Wednesday, February 25, 2009

Someone Else's Time



When I was little one of my favorite books was From the Mixed-Up Files of Mrs. Basil E. Frankweiler. The idea of living in a museum, especially at night, fascinated me. It still does. While I’ve always loved paintings and am into sculpture, what really does it for me in some wacked out, time-travel kind of way is the furniture. I never think about it until I’m actually standing there, inside the museum or estate, surrounded by the paneling, clocks, candlesticks, sideboards, and beds of another era. It overtakes me.

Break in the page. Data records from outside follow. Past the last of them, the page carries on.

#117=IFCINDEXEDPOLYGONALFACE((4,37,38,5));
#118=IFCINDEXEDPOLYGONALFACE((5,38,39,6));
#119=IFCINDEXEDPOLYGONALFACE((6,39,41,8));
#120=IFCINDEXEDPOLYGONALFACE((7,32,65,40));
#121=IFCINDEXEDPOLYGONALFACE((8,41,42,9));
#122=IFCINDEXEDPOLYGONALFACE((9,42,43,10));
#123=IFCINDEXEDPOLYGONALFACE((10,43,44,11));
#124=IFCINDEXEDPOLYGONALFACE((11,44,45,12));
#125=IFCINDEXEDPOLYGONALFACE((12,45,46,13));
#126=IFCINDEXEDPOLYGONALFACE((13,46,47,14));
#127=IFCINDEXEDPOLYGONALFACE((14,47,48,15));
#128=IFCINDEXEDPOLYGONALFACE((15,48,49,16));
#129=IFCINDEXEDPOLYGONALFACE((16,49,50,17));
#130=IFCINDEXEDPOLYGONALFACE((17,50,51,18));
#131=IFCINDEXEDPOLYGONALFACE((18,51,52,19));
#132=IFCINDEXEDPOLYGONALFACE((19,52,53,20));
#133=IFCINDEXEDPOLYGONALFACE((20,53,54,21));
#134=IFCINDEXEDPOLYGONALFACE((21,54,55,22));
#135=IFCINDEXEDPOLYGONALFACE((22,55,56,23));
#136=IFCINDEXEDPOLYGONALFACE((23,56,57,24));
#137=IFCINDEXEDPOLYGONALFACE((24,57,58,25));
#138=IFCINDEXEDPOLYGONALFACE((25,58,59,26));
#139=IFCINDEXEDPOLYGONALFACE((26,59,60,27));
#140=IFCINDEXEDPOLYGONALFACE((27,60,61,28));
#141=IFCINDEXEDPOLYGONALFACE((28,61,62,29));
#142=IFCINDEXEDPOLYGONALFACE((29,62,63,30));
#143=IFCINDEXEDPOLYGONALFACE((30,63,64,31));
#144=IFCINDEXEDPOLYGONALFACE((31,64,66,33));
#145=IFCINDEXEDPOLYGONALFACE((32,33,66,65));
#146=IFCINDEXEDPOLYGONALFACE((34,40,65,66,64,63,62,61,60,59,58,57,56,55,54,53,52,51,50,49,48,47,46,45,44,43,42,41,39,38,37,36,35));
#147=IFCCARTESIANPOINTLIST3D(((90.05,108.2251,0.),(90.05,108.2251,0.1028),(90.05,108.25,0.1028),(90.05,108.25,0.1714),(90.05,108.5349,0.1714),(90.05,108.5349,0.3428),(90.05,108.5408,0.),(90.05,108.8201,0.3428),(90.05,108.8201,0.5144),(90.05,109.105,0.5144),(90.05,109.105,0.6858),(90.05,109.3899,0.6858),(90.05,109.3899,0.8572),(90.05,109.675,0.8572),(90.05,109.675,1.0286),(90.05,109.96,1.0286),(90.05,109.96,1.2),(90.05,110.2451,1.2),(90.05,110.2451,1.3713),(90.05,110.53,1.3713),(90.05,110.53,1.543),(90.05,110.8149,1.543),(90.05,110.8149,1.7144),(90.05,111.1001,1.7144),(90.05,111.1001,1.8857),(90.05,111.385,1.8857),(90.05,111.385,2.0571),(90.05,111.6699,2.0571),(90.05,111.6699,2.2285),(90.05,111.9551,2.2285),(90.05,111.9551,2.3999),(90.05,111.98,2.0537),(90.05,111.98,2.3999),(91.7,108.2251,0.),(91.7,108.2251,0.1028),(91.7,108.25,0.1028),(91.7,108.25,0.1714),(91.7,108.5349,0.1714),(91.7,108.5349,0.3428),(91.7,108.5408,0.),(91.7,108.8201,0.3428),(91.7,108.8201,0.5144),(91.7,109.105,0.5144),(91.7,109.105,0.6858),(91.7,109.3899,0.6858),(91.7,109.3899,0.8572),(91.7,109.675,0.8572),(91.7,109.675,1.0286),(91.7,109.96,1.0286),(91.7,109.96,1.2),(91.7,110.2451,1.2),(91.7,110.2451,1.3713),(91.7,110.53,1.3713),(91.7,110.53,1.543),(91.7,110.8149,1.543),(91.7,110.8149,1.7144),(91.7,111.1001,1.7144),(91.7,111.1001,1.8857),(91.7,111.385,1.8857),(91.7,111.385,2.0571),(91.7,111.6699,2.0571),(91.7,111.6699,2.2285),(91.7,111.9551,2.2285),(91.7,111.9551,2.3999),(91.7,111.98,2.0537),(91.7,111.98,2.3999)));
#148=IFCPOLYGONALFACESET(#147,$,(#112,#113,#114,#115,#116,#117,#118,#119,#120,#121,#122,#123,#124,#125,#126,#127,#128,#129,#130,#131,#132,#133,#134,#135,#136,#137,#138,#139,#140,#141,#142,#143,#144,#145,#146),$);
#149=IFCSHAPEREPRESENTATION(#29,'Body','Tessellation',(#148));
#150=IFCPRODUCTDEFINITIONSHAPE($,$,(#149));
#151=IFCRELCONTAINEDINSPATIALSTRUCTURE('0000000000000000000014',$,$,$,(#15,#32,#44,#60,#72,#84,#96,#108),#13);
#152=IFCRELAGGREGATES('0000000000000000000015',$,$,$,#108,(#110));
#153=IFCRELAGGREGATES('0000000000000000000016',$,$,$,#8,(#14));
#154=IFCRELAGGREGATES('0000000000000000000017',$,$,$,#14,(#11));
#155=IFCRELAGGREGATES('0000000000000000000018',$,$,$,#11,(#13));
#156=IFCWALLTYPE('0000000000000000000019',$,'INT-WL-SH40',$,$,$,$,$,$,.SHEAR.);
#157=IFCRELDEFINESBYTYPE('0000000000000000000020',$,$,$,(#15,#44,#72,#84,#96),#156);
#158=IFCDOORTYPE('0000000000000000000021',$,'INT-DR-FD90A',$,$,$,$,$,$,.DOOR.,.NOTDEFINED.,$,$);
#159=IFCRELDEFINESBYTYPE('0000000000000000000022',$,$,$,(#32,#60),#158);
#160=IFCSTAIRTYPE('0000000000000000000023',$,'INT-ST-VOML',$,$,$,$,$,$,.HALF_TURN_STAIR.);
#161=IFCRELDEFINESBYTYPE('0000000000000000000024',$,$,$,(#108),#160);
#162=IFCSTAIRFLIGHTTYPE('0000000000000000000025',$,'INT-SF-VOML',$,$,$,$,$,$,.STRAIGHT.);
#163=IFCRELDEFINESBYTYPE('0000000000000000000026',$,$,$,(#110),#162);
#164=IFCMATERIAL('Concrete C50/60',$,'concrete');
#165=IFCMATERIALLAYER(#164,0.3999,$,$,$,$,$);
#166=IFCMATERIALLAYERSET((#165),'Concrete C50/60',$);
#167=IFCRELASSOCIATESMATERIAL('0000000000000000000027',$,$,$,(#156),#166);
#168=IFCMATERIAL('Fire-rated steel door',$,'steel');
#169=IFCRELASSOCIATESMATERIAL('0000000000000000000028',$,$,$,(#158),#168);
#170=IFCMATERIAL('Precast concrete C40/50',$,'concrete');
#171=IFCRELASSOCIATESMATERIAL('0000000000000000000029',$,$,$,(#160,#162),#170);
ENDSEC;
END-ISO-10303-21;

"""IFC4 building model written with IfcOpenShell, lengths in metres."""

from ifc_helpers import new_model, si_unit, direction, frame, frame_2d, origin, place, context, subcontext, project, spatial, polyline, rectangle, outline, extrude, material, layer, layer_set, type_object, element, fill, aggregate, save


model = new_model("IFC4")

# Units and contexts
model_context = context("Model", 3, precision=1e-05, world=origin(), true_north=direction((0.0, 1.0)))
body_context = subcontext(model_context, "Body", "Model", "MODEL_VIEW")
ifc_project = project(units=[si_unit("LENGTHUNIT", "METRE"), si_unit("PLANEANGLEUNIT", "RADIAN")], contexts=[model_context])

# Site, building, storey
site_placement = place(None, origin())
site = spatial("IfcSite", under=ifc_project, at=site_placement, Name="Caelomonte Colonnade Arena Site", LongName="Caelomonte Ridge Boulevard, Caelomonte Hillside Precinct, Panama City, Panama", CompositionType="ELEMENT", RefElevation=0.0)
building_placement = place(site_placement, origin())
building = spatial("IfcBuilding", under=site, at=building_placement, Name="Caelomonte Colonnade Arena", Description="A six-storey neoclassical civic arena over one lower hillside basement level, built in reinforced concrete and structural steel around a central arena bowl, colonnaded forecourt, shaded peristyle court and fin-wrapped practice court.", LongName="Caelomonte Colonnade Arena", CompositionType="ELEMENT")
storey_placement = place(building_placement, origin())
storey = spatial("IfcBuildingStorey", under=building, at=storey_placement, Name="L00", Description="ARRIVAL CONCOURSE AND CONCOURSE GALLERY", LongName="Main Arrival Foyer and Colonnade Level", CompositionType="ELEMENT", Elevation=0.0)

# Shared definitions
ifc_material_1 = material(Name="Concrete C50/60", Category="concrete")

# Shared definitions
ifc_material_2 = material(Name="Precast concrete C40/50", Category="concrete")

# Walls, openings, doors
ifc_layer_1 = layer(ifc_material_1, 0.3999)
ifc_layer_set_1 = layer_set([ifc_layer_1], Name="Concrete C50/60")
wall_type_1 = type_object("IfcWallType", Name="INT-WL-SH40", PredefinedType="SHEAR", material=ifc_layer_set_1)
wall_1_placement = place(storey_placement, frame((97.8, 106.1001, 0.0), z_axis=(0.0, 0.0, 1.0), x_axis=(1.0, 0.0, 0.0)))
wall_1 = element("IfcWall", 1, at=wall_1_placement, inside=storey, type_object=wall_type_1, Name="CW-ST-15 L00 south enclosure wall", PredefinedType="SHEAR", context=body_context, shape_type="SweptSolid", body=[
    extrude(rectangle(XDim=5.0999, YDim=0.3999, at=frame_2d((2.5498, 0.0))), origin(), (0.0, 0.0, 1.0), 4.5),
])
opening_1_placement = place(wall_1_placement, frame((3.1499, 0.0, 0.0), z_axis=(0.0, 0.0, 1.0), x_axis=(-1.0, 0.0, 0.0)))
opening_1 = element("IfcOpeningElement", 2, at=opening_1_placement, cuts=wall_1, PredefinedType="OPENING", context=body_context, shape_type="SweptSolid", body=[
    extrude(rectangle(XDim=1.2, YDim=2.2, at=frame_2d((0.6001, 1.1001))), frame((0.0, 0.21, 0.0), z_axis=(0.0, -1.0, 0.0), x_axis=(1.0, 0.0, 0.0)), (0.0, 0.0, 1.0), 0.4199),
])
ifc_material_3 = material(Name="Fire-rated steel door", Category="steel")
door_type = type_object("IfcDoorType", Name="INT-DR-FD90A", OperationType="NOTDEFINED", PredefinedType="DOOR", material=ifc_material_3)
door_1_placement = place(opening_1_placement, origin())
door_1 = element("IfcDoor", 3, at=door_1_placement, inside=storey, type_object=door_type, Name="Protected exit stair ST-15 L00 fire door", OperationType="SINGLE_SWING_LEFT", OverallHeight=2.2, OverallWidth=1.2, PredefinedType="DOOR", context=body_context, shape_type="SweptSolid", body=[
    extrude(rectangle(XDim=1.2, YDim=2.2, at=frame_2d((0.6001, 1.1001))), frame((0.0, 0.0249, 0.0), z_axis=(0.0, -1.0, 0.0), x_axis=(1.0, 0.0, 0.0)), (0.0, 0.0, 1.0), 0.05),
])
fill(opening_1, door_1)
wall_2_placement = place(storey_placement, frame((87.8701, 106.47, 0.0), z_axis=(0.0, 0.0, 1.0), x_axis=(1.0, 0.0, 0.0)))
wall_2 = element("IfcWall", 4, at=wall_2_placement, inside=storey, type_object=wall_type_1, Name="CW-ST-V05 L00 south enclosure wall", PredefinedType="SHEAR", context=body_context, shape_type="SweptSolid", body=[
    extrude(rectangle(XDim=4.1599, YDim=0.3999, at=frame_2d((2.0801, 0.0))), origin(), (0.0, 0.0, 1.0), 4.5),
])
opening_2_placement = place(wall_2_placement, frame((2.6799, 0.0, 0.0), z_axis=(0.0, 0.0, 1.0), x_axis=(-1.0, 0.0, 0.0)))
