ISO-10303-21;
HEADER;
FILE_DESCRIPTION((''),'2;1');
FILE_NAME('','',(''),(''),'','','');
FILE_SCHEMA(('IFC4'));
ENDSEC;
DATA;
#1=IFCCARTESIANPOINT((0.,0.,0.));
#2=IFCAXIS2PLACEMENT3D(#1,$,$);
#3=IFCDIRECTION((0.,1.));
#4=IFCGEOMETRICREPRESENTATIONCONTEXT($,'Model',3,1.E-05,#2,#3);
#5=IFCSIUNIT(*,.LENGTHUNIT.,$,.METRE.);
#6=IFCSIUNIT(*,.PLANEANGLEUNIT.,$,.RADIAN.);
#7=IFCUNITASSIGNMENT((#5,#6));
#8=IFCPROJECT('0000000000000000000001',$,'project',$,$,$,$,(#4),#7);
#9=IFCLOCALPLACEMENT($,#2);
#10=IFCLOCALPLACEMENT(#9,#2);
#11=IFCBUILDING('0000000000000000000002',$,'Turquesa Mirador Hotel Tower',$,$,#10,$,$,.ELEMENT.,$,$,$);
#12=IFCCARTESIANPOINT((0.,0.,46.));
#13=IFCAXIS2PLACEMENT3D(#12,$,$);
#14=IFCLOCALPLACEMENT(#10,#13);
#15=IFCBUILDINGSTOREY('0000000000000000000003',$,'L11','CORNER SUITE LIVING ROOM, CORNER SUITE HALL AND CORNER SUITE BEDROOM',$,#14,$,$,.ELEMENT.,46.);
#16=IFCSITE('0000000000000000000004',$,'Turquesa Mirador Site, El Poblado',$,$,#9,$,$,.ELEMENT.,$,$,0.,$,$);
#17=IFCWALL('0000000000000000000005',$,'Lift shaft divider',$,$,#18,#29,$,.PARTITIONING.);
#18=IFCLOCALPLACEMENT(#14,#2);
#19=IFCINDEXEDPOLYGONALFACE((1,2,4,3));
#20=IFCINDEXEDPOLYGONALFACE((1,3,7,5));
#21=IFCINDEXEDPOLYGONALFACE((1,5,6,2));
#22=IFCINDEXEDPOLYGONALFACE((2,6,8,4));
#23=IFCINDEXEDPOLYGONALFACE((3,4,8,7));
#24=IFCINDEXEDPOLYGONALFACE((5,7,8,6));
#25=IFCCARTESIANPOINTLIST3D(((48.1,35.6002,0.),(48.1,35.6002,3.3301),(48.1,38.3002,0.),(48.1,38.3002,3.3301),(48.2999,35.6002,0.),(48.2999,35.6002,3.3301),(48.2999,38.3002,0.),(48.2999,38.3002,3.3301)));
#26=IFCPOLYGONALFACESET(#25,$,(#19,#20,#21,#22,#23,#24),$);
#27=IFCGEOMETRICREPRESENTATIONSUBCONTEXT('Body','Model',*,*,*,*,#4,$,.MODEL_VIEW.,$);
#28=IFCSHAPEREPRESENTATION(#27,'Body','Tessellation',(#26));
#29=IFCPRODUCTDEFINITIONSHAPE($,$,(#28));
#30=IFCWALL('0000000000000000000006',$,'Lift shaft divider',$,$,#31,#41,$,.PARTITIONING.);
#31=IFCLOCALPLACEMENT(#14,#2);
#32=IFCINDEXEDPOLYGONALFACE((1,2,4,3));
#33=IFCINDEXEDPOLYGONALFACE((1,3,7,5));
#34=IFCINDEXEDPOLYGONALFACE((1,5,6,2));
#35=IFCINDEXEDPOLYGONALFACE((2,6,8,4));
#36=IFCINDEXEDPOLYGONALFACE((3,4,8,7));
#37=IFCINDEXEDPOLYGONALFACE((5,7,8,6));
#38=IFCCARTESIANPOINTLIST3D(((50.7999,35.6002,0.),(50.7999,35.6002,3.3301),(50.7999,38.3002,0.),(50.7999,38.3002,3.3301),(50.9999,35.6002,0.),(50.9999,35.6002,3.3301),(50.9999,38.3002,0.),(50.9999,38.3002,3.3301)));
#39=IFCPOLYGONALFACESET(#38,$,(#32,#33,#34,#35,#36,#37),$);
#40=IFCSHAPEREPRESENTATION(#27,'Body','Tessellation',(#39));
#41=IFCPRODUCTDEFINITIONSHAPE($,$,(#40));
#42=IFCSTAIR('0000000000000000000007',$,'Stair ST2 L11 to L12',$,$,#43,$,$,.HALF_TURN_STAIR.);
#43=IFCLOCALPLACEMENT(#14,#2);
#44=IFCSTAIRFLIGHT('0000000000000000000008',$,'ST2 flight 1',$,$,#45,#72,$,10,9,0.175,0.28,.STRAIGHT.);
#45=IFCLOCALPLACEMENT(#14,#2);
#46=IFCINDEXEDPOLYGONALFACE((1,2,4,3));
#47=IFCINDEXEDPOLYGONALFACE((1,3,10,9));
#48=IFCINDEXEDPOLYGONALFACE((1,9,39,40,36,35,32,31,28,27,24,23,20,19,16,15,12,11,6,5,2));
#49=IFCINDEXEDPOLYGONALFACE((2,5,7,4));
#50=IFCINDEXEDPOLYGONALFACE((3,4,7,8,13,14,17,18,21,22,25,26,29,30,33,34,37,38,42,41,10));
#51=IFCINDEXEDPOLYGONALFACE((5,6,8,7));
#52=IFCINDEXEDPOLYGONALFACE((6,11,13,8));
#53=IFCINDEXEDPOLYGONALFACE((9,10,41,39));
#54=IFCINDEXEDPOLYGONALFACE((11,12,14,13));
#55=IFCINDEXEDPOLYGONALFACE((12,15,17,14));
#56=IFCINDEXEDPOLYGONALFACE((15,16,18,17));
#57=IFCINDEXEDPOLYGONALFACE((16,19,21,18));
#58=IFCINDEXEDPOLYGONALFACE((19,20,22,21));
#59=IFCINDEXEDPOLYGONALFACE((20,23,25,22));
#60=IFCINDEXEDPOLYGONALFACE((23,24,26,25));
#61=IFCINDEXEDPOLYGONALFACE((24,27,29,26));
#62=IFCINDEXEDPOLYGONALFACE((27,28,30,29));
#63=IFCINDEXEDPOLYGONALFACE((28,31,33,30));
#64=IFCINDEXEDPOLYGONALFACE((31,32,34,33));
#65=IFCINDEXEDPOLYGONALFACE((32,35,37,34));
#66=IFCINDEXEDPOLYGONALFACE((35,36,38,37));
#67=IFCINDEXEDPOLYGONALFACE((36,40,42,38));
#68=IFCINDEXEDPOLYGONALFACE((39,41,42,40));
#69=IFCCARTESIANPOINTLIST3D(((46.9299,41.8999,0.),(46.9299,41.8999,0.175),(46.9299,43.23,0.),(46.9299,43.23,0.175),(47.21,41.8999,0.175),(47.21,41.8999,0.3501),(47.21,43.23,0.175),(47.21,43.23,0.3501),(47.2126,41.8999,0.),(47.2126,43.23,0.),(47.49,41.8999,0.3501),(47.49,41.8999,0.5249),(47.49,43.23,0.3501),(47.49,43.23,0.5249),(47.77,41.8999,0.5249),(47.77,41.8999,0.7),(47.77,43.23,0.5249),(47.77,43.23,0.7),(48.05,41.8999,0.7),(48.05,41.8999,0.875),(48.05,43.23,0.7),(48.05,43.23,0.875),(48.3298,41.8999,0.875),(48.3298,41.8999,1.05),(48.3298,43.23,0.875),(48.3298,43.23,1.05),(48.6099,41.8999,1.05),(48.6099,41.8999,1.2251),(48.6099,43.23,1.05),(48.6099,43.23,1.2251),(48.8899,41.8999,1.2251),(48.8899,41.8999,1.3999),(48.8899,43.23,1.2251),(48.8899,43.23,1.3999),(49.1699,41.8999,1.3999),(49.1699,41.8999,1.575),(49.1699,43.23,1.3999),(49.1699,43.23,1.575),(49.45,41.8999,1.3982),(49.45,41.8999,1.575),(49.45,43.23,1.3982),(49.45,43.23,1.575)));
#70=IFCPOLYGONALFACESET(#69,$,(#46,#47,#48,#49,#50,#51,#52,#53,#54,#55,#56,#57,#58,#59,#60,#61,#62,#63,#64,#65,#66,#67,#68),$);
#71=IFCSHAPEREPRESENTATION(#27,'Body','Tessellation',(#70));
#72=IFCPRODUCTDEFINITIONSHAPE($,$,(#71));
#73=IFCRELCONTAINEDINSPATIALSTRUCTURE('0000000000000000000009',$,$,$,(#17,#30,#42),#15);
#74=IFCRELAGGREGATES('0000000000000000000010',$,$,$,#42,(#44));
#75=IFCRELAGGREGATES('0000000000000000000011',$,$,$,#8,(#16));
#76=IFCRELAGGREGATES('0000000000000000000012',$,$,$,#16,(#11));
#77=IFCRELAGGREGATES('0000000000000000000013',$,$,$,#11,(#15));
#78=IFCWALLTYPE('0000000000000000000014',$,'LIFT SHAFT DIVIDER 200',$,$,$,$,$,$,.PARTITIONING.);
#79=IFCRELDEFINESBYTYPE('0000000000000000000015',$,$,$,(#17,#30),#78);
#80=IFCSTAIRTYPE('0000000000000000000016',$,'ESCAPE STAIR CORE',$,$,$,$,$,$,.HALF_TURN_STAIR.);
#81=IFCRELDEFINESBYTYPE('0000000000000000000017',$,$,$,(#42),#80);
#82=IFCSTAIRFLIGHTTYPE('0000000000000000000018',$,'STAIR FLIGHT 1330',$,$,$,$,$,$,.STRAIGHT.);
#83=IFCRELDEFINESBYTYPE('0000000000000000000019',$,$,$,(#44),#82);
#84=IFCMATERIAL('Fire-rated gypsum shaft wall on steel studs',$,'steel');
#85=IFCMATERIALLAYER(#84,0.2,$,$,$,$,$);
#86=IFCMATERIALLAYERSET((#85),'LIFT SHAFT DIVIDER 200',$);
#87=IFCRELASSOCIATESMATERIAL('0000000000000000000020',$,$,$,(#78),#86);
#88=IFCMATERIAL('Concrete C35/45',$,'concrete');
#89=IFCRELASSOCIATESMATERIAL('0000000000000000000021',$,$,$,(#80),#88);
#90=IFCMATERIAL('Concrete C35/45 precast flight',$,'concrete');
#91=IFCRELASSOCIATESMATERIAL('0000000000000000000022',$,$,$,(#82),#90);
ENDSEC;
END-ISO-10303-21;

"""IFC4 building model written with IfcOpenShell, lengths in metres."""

from ifc_helpers import new_model, si_unit, direction, frame, frame_2d, origin, place, context, subcontext, project, spatial, polyline, rectangle, outline, extrude, material, layer, layer_set, type_object, element, aggregate, save


model = new_model("IFC4")

# Units and contexts
model_context = context("Model", 3, precision=1e-05, world=origin(), true_north=direction((0.0, 1.0)))
body_context = subcontext(model_context, "Body", "Model", "MODEL_VIEW")
ifc_project = project(units=[si_unit("LENGTHUNIT", "METRE"), si_unit("PLANEANGLEUNIT", "RADIAN")], contexts=[model_context])

# Site, building, storey
site_placement = place(None, origin())
site = spatial("IfcSite", under=ifc_project, at=site_placement, Name="Turquesa Mirador Site, El Poblado", CompositionType="ELEMENT", RefElevation=0.0)
building_placement = place(site_placement, origin())
building = spatial("IfcBuilding", under=site, at=building_placement, Name="Turquesa Mirador Hotel Tower", CompositionType="ELEMENT")
storey_placement = place(building_placement, frame((0.0, 0.0, 46.0)))
storey = spatial("IfcBuildingStorey", under=building, at=storey_placement, Name="L11", Description="CORNER SUITE LIVING ROOM, CORNER SUITE HALL AND CORNER SUITE BEDROOM", CompositionType="ELEMENT", Elevation=46.0)

# Walls
ifc_material_1 = material(Name="Fire-rated gypsum shaft wall on steel studs", Category="steel")
ifc_layer_1 = layer(ifc_material_1, 0.2)
ifc_layer_set_1 = layer_set([ifc_layer_1], Name="LIFT SHAFT DIVIDER 200")
wall_type_1 = type_object("IfcWallType", Name="LIFT SHAFT DIVIDER 200", PredefinedType="PARTITIONING", material=ifc_layer_set_1)
for number, where, z_axis, x_axis, name in (
    (1, (48.2, 35.6001, 0.0), (0.0, 0.0, 1.0), (0.0, 1.0, 0.0), "Lift shaft divider"),
    (2, (50.8999, 35.6001, 0.0), (0.0, 0.0, 1.0), (0.0, 1.0, 0.0), "Lift shaft divider"),
):
    element("IfcWall", number, at=place(storey_placement, frame(where, z_axis=z_axis, x_axis=x_axis)), inside=storey, type_object=wall_type_1, Name=name, PredefinedType="PARTITIONING", context=body_context, shape_type="SweptSolid", body=[
        extrude(rectangle(XDim=2.7, YDim=0.2, at=frame_2d((1.3501, 0.0))), origin(), (0.0, 0.0, 1.0), 3.3301),
    ])

# Stair, stair flight
ifc_material_2 = material(Name="Concrete C35/45", Category="concrete")
stair_type = type_object("IfcStairType", Name="ESCAPE STAIR CORE", PredefinedType="HALF_TURN_STAIR", material=ifc_material_2)
stair_placement = place(storey_placement, origin())
stair = element("IfcStair", 3, at=stair_placement, inside=storey, type_object=stair_type, Name="Stair ST2 L11 to L12", PredefinedType="HALF_TURN_STAIR")
ifc_material_3 = material(Name="Concrete C35/45 precast flight", Category="concrete")
stair_flight_type = type_object("IfcStairFlightType", Name="STAIR FLIGHT 1330", PredefinedType="STRAIGHT", material=ifc_material_3)
stair_flight_placement = place(storey_placement, frame((46.9299, 42.5649, 0.0), z_axis=(0.0, 0.0, 1.0), x_axis=(1.0, 0.0, 0.0)))
stair_flight = element("IfcStairFlight", 4, at=stair_flight_placement, type_object=stair_flight_type, Name="ST2 flight 1", NumberOfRisers=10, NumberOfTreads=9, PredefinedType="STRAIGHT", RiserHeight=0.175, TreadLength=0.28, context=body_context, shape_type="SweptSolid", body=[
    extrude(outline(polyline([(0.0, 0.0), (0.0, 0.175), (0.28, 0.175), (0.28, 0.3501), (0.5601, 0.3501), (0.5601, 0.5249), (0.8401, 0.5249), (0.8401, 0.7), (1.1201, 0.7), (1.1201, 0.875), (1.3999, 0.875), (1.3999, 1.05), (1.6799, 1.05), (1.6799, 1.2251), (1.96, 1.2251), (1.96, 1.3999), (2.24, 1.3999), (2.24, 1.575), (2.52, 1.575), (2.52, 1.75), (2.52, 1.3982), (0.2827, 0.0), (0.0, 0.0)])), frame((0.0, 0.665, 0.0), z_axis=(0.0, -1.0, 0.0), x_axis=(1.0, 0.0, 0.0)), (0.0, 0.0, 1.0), 1.3301),
])
aggregate(stair, [stair_flight])

save(model, "model.ifc")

If I ever feel mystical it’s then, when I’m taken into the past in a rare moment of silence, surrounded by someone else’s things from long ago. Last week I was at the Getty Museum in Los Angeles and it happened to me there. I looked into a gold framed mirror, the glass a murky black with age. I couldn’t see my reflection but I stared anyway, wondering who used to look into the same space, whose reflection used to smile back at her.

While I’m always a sucker for marquetry and those huge, oddly shaped aristocratic beds, what really causes me to stop and stare are the clocks. I’ve been searching for a wall clock for my house and after studying those jewel encrusted or elongated golden beauties, I wonder if introducing a little rococo madness into my environment wouldn’t actually be a good thing. Wouldn’t necessarily go, I know, but I can’t help love splashes of insanity.

At the Getty I was admiring another mirror, large and ornate, when a girl came up from behind me. She did a little dance, checked herself out, and said she wanted the mirror for her bedroom. So did I. Only I wanted it more to be taken back in time than to watch myself dance. Once I looked into a mirror that belonged to Marie Antoinette in her Petit Trianon and it happened to me then too. For a moment I wasn’t in San Francisco anymore, I was in someone else’s head in another time.

Clocks and mirrors. There’s something so personal about them that the ghosts of their owners seem to come back to them. Or else reflections must linger throughout time. Clocks and mirrors. They’re simple objects that we use every day, yet they end up defining so much of our lives for us.

In reality I don’t really want to live out anyone else’s life. But let me be transported to someone else’s time every once in a while and I’m a much happier for what happens in those rare moments. And I would love it if that could mean staying all night in the museum.